電子書籍をシステム手帳に書き写す

電子で買った本も基本的にはマーカーを引いておいて、あとでA5のシステム手帳にその部分を書き写している。そのためにA5サイズのシステム手帳を買った。自分の興味のある分野はバイブルサイズという一段階小さいサイズのシステム手帳に情報を集めていたのだが、別にそうでもない分野だったり、稀にする全く関係のない、読書のための読書なんかは、マーカーを引いたり付箋を貼っておいてそのままにしてあった。それがもったいないと思ったので、「それ以外」とも言うべき本に関しては全部A5の大きなシステム手帳に抜書をしておいている。
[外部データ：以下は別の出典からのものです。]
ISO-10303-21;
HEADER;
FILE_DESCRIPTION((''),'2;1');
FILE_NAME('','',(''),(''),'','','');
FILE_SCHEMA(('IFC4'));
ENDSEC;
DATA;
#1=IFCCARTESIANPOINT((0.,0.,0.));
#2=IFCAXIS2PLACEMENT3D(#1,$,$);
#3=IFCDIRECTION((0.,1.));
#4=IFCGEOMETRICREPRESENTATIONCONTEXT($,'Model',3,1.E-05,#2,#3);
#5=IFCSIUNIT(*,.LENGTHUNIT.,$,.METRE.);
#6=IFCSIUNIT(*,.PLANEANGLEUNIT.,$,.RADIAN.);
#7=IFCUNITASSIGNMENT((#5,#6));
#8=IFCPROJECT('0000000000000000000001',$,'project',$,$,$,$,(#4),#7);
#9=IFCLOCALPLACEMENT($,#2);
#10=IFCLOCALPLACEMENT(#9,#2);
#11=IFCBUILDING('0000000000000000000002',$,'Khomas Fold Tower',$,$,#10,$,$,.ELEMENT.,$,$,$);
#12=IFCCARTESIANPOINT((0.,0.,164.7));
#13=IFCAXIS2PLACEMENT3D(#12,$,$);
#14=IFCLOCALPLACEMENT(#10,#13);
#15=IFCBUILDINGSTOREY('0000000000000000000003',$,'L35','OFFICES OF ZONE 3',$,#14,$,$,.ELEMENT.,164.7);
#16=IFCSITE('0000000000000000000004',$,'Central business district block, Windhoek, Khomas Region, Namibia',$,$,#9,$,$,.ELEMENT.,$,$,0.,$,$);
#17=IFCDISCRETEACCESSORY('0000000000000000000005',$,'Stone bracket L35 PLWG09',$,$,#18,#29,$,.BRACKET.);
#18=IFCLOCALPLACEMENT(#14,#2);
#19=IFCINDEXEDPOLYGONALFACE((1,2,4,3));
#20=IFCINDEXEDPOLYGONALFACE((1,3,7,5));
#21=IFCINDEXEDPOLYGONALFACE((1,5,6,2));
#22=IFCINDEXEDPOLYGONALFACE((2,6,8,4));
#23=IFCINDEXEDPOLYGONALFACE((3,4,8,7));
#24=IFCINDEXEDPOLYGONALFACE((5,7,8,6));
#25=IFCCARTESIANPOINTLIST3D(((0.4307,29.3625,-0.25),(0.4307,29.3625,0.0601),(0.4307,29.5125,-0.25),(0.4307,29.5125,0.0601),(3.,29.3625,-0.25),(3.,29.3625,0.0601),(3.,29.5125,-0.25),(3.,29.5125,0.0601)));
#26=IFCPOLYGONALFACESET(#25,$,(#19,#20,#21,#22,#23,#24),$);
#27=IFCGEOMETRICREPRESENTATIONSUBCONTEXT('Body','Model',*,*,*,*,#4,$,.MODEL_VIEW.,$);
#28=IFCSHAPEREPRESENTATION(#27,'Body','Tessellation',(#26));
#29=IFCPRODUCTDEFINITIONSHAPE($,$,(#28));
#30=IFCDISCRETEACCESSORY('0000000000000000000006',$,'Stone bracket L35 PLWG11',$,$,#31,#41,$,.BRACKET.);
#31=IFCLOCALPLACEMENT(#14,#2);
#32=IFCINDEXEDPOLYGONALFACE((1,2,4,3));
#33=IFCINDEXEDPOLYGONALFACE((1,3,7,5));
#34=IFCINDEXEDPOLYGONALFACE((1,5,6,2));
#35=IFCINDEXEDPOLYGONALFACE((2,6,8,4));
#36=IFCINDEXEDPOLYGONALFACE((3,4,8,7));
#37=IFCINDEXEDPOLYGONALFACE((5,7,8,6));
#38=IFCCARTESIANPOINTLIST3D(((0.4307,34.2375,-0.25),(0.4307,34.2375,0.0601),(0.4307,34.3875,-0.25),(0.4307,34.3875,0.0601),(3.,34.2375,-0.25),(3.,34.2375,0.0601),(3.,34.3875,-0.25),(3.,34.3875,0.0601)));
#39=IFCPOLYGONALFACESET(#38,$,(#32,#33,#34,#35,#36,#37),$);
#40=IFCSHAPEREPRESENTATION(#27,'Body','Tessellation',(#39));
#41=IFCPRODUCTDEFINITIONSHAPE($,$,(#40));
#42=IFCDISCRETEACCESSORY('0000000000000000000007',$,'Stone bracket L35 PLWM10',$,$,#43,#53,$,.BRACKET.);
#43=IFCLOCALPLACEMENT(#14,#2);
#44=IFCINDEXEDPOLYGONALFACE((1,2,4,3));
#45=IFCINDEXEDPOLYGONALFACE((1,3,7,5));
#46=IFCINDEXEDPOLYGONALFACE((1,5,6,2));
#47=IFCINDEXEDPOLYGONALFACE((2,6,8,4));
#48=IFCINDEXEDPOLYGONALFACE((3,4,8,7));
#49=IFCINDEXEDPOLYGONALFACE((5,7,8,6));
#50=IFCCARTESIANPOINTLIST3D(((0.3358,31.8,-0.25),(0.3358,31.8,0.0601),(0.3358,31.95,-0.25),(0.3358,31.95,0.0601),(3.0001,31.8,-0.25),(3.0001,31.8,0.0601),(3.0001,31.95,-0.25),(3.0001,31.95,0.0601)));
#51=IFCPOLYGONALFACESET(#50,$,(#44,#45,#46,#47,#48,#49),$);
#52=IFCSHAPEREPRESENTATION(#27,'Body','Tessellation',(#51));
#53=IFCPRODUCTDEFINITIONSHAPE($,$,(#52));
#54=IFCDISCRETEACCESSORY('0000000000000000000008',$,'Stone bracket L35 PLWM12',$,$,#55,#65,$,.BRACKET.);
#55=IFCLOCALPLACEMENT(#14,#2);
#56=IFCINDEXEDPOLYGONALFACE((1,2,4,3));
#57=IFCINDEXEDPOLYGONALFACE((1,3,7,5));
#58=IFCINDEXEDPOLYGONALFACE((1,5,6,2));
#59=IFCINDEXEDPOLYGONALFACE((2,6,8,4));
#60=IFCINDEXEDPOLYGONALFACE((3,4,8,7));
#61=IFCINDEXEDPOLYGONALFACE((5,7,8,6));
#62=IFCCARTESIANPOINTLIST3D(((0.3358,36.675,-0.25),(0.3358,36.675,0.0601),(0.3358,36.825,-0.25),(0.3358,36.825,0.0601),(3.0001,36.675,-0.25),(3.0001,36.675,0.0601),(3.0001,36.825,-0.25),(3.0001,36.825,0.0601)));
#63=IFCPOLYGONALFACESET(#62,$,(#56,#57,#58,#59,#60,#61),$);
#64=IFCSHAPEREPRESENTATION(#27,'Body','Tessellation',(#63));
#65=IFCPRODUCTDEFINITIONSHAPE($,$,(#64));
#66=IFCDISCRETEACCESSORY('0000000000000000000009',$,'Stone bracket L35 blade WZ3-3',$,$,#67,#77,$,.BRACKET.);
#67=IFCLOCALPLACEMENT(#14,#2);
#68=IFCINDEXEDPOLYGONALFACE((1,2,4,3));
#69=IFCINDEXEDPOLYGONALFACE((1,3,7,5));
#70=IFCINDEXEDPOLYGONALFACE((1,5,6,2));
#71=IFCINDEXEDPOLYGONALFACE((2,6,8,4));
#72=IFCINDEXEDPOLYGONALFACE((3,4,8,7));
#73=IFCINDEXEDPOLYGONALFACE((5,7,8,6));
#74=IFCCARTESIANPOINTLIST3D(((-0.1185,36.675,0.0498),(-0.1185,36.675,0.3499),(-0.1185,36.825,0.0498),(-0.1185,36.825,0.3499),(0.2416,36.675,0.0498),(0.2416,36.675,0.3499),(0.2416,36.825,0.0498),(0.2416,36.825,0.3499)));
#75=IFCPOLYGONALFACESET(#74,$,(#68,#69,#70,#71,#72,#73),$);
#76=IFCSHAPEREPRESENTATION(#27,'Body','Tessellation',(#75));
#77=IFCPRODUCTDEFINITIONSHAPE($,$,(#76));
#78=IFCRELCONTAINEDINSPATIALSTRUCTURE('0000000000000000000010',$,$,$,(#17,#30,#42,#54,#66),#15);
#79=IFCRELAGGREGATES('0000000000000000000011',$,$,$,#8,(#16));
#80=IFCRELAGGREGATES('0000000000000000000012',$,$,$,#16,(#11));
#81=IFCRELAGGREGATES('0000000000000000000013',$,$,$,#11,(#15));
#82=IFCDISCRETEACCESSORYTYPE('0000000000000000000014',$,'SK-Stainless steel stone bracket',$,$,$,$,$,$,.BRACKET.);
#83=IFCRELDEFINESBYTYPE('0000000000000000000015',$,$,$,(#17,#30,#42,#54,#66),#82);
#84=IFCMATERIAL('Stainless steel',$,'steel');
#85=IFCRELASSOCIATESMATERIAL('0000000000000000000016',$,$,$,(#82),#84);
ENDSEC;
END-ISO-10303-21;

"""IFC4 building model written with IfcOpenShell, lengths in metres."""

from ifc_helpers import new_model, si_unit, direction, frame, origin, origin_2d, place, context, subcontext, project, spatial, rectangle, extrude, source, transform, mapped, material, type_object, element, save


model = new_model("IFC4")

# Units and contexts
model_context = context("Model", 3, precision=1e-05, world=origin(), true_north=direction((0.0, 1.0)))
body_context = subcontext(model_context, "Body", "Model", "MODEL_VIEW")
ifc_project = project(units=[si_unit("LENGTHUNIT", "METRE"), si_unit("PLANEANGLEUNIT", "RADIAN")], contexts=[model_context])

# Site, building, storey
site_placement = place(None, origin())
site = spatial("IfcSite", under=ifc_project, at=site_placement, Name="Central business district block, Windhoek, Khomas Region, Namibia", CompositionType="ELEMENT", RefElevation=0.0)
building_placement = place(site_placement, origin())
building = spatial("IfcBuilding", under=site, at=building_placement, Name="Khomas Fold Tower", CompositionType="ELEMENT")
storey_placement = place(building_placement, frame((0.0, 0.0, 164.7)))
storey = spatial("IfcBuildingStorey", under=building, at=storey_placement, Name="L35", Description="OFFICES OF ZONE 3", CompositionType="ELEMENT", Elevation=164.7)

# Discrete accessories
ifc_material_1 = material(Name="Stainless steel", Category="steel")
discrete_accessory_type = type_object("IfcDiscreteAccessoryType", Name="SK-Stainless steel stone bracket", PredefinedType="BRACKET", material=ifc_material_1)
shared_shape_1 = source(origin(), body_context, "Body", "SweptSolid", [
    extrude(rectangle(XDim=2.5693, YDim=0.1499, at=origin_2d()), origin(), (0.0, 0.0, 1.0), 0.3101),
])
for number, where, z_axis, x_axis, name in (
    (1, (1.7153, 29.4375, -0.25), (0.0, 0.0, 1.0), (-1.0, 0.0, 0.0), "Stone bracket L35 PLWG09"),
    (2, (1.7153, 34.3125, -0.25), (0.0, 0.0, 1.0), (-1.0, 0.0, 0.0), "Stone bracket L35 PLWG11"),
):
    element("IfcDiscreteAccessory", number, at=place(storey_placement, frame(where, z_axis=z_axis, x_axis=x_axis)), inside=storey, type_object=discrete_accessory_type, Name=name, PredefinedType="BRACKET", context=body_context, shape_type="MappedRepresentation", body=[
        mapped(shared_shape_1, transform((0.0, 0.0, 0.0))),
    ])
shared_shape_2 = source(origin(), body_context, "Body", "SweptSolid", [
    extrude(rectangle(XDim=2.6643, YDim=0.1499, at=origin_2d()), origin(), (0.0, 0.0, 1.0), 0.3101),
])
for number, where, z_axis, x_axis, name in (
    (3, (1.668, 31.875, -0.25), (0.0, 0.0, 1.0), (-1.0, 0.0, 0.0), "Stone bracket L35 PLWM10"),
    (4, (1.668, 36.75, -0.25), (0.0, 0.0, 1.0), (-1.0, 0.0, 0.0), "Stone bracket L35 PLWM12"),
):
    element("IfcDiscreteAccessory", number, at=place(storey_placement, frame(where, z_axis=z_axis, x_axis=x_axis)), inside=storey, type_object=discrete_accessory_type, Name=name, PredefinedType="BRACKET", context=body_context, shape_type="MappedRepresentation", body=[
        mapped(shared_shape_2, transform((0.0, 0.0, 0.0))),
    ])
shared_shape_3 = source(origin(), body_context, "Body", "SweptSolid", [
    extrude(rectangle(XDim=0.3601, YDim=0.1499, at=origin_2d()), origin(), (0.0, 0.0, 1.0), 0.3),
])
discrete_accessory_placement = place(storey_placement, frame((0.0615, 36.75, 0.0498), z_axis=(0.0, 0.0, 1.0), x_axis=(-1.0, 0.0, 0.0)))
element("IfcDiscreteAccessory", 5, at=discrete_accessory_placement, inside=storey, type_object=discrete_accessory_type, Name="Stone bracket L35 blade WZ3-3", PredefinedType="BRACKET", context=body_context, shape_type="MappedRepresentation", body=[
    mapped(shared_shape_3, transform((0.0, 0.0, 0.0))),
])

save(model, "model.ifc")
電子で買ったものをわざわざ紙に変換している、と言えるかもしれない。でも電子というのは性質上物質として存在しえないものなので、どうしても記憶に残りづらい。買ったことすら覚えていない本というのも多数存在する。GUI上に表示される外観というものは存在するが、文庫本も四六判の本も雑誌も、本を選ぶ画面では全て同じ大きさのアイコンで表示され、数百ページの分厚い本も、百数十ページの薄い本も、外側からは判別することができない。質量は存在せず、わずかな外観も均質的なのである。

別にその本を開けば、マーカーを引いた箇所に一発で飛ぶことができる。うろ覚えの断片をすぐに確認しに行ける。それでも手帳に書き写すのは入れ替え可能なシステム手帳だからである。電子になってくれない本も同じサイズのシステム手帳のリフィルに抜書することで、電子書籍とはいわば逆の方向の均質化が起こる。そしてそれらの抜書を、任意の順番に並べ替えることができる。著書の50音順に並べることもできるし、読んだ順番に並べ替えることもできる。その本の中でさえ任意に並べ替えることもできる。

こう書くと大層なことをしているように見えるけど、やっていることは『思考の整理学』とか『知的生産の技術』で書かれている、柳田国男の時代から行われていることと大して変わりはしない。ただ本の内容をシステム手帳という綴じられるカードに書き写しているだけなのだから。ただ、質量もページをめくるという行為もなく、ただディスプレイのうえを目を滑らせながらマウスを叩くだけで流れていく電子書籍に関しては、「書き写す」という行為は紙の本に比べてより強力なツールになるのではいかと思っている。

ちなみに書き写している時間は割と虚無である。ただし、万年筆を使うためだと思えば悪い行為ではない。